Thermal-spike-enhanced moisture absorption by polymer-matrix carbon-fibre composites

The moisture absorption of a carbon-fibre-reinforced polymer composite, with a bismaleimide-modified epoxy resin matrix, was studied under constant hygrothermal conditions and under a series of thermal-spike conditions, in an attempt to understand the so-called enhanced moisture absorption phenomenon.
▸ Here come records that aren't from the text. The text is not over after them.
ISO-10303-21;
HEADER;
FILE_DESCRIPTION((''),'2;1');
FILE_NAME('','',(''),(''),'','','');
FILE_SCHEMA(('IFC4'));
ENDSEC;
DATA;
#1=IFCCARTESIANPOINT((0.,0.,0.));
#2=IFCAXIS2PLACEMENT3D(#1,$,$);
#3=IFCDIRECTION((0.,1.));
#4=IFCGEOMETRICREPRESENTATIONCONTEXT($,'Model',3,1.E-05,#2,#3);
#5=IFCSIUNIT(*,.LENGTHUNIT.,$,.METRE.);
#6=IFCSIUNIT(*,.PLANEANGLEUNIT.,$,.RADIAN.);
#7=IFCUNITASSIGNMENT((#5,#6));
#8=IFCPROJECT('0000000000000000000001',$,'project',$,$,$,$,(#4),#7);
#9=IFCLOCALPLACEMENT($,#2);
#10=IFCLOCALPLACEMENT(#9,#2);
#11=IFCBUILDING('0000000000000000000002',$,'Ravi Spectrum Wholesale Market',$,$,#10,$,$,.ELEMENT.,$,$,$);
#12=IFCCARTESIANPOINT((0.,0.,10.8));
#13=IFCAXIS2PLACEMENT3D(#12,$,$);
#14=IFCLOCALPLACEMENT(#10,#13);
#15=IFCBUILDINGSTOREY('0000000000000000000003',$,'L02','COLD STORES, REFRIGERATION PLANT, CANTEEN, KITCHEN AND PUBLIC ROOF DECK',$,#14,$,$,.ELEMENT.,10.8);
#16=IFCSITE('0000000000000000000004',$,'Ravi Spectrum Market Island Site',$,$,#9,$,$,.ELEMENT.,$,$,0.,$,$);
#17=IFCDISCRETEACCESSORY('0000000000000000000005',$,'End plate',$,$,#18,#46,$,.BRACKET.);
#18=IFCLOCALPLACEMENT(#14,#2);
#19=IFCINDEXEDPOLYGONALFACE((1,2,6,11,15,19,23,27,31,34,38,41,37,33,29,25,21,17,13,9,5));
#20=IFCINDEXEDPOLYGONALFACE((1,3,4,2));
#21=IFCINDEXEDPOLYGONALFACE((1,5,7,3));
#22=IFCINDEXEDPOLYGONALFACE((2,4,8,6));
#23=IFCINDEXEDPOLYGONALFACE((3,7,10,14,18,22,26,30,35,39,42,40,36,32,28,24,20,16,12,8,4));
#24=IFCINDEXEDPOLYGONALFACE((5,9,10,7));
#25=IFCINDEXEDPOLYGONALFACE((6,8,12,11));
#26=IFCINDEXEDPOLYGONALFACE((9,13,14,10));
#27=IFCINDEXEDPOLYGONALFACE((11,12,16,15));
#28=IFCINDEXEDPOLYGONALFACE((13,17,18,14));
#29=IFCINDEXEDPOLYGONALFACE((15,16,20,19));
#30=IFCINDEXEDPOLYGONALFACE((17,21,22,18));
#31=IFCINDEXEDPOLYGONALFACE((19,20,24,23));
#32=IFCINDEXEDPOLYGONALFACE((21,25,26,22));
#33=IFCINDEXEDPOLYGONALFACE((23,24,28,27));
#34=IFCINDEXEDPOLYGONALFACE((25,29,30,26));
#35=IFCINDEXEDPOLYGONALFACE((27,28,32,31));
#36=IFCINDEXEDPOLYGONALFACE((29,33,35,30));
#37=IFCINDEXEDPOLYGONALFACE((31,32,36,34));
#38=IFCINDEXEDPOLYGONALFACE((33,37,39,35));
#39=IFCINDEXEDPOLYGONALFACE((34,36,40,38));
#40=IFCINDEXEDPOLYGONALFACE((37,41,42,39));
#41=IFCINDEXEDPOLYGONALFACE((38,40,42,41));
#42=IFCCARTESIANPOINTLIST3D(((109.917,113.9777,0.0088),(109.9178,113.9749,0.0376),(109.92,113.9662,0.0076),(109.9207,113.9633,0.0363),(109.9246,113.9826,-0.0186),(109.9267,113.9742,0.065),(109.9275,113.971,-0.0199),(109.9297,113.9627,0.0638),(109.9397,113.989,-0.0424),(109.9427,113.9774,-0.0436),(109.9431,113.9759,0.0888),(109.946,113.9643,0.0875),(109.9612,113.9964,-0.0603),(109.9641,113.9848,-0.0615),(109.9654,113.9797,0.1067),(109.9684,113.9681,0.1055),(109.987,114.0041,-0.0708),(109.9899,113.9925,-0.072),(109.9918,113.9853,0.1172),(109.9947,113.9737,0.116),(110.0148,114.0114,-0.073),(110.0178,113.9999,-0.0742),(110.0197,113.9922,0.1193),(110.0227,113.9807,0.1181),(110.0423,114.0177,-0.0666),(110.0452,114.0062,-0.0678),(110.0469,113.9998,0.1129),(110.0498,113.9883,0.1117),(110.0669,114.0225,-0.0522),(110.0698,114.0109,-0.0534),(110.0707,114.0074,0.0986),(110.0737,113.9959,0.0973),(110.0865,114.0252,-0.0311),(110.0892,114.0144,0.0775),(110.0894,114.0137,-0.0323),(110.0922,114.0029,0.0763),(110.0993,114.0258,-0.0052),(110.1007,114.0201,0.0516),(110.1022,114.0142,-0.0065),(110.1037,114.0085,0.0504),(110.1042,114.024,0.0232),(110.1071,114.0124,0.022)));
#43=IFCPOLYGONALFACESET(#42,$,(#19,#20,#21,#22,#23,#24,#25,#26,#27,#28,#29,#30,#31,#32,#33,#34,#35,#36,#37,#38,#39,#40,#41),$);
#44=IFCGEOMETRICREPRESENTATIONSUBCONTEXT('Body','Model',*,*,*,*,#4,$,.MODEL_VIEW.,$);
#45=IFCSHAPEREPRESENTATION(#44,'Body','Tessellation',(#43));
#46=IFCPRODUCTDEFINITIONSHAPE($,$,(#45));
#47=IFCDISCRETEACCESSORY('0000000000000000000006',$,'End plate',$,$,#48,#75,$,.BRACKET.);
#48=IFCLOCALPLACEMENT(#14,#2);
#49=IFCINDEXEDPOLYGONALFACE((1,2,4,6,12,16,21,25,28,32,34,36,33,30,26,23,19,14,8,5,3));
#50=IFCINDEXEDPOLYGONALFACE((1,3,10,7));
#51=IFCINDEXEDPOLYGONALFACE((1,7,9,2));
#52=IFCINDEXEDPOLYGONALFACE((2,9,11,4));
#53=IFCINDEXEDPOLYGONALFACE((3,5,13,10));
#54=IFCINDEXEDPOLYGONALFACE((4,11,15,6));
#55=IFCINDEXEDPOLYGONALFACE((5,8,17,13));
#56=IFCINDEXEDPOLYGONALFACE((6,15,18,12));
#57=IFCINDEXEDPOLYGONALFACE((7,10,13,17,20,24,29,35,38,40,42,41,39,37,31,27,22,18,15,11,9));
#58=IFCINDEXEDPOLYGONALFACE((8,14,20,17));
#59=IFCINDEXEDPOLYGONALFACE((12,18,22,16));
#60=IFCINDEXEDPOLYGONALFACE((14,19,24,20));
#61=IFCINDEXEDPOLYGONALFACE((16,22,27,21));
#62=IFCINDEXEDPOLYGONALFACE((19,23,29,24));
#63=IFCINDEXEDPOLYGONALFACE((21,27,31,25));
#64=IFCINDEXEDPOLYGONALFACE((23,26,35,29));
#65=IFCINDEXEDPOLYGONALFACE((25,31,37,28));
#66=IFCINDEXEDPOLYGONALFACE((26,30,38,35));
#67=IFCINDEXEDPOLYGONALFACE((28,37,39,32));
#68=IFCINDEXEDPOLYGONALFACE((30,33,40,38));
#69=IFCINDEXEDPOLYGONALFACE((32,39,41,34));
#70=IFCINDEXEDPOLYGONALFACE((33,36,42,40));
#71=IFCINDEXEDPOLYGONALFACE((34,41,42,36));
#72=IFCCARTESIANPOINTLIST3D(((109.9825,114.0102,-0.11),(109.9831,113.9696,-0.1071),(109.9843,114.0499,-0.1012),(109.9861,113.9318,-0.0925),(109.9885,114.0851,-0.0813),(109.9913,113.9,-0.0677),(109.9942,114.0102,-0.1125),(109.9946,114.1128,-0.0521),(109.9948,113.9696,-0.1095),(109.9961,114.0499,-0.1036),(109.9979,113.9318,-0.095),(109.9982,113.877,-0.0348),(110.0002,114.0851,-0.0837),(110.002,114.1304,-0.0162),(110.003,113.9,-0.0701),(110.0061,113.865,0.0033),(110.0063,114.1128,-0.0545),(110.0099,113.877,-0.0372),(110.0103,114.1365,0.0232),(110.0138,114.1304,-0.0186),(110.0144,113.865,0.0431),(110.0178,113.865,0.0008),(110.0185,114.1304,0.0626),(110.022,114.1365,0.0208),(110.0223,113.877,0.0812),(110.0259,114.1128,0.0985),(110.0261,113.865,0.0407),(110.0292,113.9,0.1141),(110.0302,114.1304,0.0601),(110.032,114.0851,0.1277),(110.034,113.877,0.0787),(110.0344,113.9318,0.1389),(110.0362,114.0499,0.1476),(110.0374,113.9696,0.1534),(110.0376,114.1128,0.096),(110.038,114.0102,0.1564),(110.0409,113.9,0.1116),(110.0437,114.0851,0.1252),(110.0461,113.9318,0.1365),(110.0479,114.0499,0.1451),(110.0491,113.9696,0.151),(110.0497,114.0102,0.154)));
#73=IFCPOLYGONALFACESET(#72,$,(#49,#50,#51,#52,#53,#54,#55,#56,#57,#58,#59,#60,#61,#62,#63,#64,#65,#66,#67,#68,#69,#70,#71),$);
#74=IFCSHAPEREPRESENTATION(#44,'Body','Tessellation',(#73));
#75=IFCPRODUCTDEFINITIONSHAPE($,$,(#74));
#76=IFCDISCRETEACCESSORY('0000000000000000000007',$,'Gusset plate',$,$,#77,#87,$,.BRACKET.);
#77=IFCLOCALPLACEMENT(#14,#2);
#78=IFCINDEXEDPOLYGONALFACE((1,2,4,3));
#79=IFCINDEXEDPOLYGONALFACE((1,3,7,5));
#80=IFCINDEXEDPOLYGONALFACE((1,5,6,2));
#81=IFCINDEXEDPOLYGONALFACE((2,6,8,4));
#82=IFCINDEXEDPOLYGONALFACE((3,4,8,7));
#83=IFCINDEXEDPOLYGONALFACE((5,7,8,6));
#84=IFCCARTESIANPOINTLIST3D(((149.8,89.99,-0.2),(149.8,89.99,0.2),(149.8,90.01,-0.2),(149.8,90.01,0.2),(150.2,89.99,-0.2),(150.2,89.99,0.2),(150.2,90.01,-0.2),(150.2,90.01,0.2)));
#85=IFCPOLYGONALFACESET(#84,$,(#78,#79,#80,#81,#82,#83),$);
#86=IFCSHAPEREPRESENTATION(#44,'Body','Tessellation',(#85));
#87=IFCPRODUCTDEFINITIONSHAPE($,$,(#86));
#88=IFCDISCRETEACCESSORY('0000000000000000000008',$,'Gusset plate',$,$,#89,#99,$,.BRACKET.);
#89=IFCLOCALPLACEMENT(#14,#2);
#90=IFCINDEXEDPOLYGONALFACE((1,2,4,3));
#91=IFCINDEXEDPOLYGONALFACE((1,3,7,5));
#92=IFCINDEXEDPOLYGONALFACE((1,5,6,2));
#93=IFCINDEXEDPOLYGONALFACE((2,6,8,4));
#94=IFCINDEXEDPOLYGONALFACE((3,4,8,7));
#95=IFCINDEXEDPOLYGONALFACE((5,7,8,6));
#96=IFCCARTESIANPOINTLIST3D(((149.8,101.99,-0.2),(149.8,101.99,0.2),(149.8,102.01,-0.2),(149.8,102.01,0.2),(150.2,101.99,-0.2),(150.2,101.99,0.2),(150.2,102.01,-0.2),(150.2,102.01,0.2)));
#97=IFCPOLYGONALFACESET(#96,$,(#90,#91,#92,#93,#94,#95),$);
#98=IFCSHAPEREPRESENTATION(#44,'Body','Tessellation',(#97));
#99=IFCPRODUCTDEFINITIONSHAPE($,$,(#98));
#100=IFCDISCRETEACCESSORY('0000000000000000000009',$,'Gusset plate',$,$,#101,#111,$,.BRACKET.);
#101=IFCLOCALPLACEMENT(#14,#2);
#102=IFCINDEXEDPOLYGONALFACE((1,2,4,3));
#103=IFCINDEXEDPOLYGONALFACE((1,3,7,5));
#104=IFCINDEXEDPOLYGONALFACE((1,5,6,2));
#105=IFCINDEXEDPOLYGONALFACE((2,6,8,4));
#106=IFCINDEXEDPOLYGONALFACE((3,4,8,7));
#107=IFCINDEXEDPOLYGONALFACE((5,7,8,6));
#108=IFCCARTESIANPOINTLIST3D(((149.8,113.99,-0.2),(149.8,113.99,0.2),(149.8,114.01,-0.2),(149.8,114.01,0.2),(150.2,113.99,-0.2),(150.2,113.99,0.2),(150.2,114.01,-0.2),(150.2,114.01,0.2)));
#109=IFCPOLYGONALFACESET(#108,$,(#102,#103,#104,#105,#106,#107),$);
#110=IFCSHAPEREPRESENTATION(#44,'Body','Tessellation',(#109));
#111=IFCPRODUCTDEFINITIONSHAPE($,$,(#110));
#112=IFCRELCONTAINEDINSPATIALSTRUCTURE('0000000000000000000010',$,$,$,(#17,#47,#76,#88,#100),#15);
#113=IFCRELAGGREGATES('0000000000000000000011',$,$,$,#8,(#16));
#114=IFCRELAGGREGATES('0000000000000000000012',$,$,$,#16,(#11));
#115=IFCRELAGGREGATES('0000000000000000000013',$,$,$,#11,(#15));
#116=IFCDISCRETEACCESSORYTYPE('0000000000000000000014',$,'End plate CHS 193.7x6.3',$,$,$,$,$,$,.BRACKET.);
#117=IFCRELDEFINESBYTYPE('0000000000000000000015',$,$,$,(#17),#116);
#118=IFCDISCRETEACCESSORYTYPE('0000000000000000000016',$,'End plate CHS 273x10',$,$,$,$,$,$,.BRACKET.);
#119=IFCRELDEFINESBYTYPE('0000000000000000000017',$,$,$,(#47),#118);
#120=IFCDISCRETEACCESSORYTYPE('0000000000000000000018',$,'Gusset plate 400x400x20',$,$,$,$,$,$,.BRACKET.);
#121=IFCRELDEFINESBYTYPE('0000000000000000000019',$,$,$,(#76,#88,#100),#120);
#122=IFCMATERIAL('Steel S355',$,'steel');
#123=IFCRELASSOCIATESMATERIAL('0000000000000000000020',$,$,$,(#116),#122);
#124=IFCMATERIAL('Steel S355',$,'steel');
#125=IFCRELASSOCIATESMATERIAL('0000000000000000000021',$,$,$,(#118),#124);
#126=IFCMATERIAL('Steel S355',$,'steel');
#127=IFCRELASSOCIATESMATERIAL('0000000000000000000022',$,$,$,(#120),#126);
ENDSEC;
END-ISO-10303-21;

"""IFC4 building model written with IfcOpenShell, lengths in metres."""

from ifc_helpers import new_model, si_unit, direction, frame, origin, origin_2d, place, context, subcontext, project, spatial, rectangle, circle, extrude, material, material_profile, profile_set, type_object, element, save


model = new_model("IFC4")

# Units and contexts
model_context = context("Model", 3, precision=1e-05, world=origin(), true_north=direction((0.0, 1.0)))
body_context = subcontext(model_context, "Body", "Model", "MODEL_VIEW")
ifc_project = project(units=[si_unit("LENGTHUNIT", "METRE"), si_unit("PLANEANGLEUNIT", "RADIAN")], contexts=[model_context])

# Site, building, storey
site_placement = place(None, origin())
site = spatial("IfcSite", under=ifc_project, at=site_placement, Name="Ravi Spectrum Market Island Site", CompositionType="ELEMENT", RefElevation=0.0)
building_placement = place(site_placement, origin())
building = spatial("IfcBuilding", under=site, at=building_placement, Name="Ravi Spectrum Wholesale Market", CompositionType="ELEMENT")
storey_placement = place(building_placement, frame((0.0, 0.0, 10.8)))
storey = spatial("IfcBuildingStorey", under=building, at=storey_placement, Name="L02", Description="COLD STORES, REFRIGERATION PLANT, CANTEEN, KITCHEN AND PUBLIC ROOF DECK", CompositionType="ELEMENT", Elevation=10.8)

# Discrete accessories
ifc_material_1 = material(Name="Steel S355", Category="steel")
ifc_material_profile_1 = material_profile(ifc_material_1, circle(Radius=0.0969, at=origin_2d()))
ifc_profile_set_1 = profile_set([ifc_material_profile_1], Name="Steel S355")
discrete_accessory_type_1 = type_object("IfcDiscreteAccessoryType", Name="End plate CHS 193.7x6.3", PredefinedType="BRACKET", material=ifc_profile_set_1)
discrete_accessory_1_placement = place(storey_placement, frame((110.0103, 114.0, 0.0232), z_axis=(0.246079, -0.963811, -0.102533), x_axis=(0.968918, 0.247383, 0.0)))
element("IfcDiscreteAccessory", 1, at=discrete_accessory_1_placement, inside=storey, type_object=discrete_accessory_type_1, Name="End plate", PredefinedType="BRACKET", context=body_context, shape_type="SweptSolid", body=[
    extrude(circle(Radius=0.0969, at=origin_2d()), origin(), (0.0, 0.0, 1.0), 0.012),
])
ifc_material_2 = material(Name="Steel S355", Category="steel")
ifc_material_profile_2 = material_profile(ifc_material_2, circle(Radius=0.1365, at=origin_2d()))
The spiking temperatures ranged from 100 degrees C to 160 degrees C, which are above and below the glass-transition temperature (T-g) of the matrix in the 'wet' laminate. An enhancement to the moisture absorption was observed which depended strongly on the spiking temperature. For the laminate conditioned under 96% relative humidity (RH) and 45 degrees C, rapid enhancement occurred at approximately 110 degrees C, and for the laminates conditioned at 75% RH and 45 degrees C, it occurred at approximately 120 degrees C. Laminates with different configurations were also studied, which allowed assessment of the effects of thermal residual stresses and stress distributions induced by fibre configuration. It was observed that laminate configuration had a profound effect in determining the moisture absorption characteristics under thermal-spike conditions. The glass-transition temperature of the matrix was further reduced by the enhanced moisture absorption. A higher spiking temperature was observed to cause a larger reduction in T-g, even though it may not induce a stronger enhancement in moisture absorption. It was thus suggested that the reduction in T-g depended on the degree of plasticisation and hydrolysis of the polymer matrix. The latter was probably more important when the laminates were conditioned under high-humidity environments and spiked at high temperatures. (C) 1997 Elsevier Science Limited.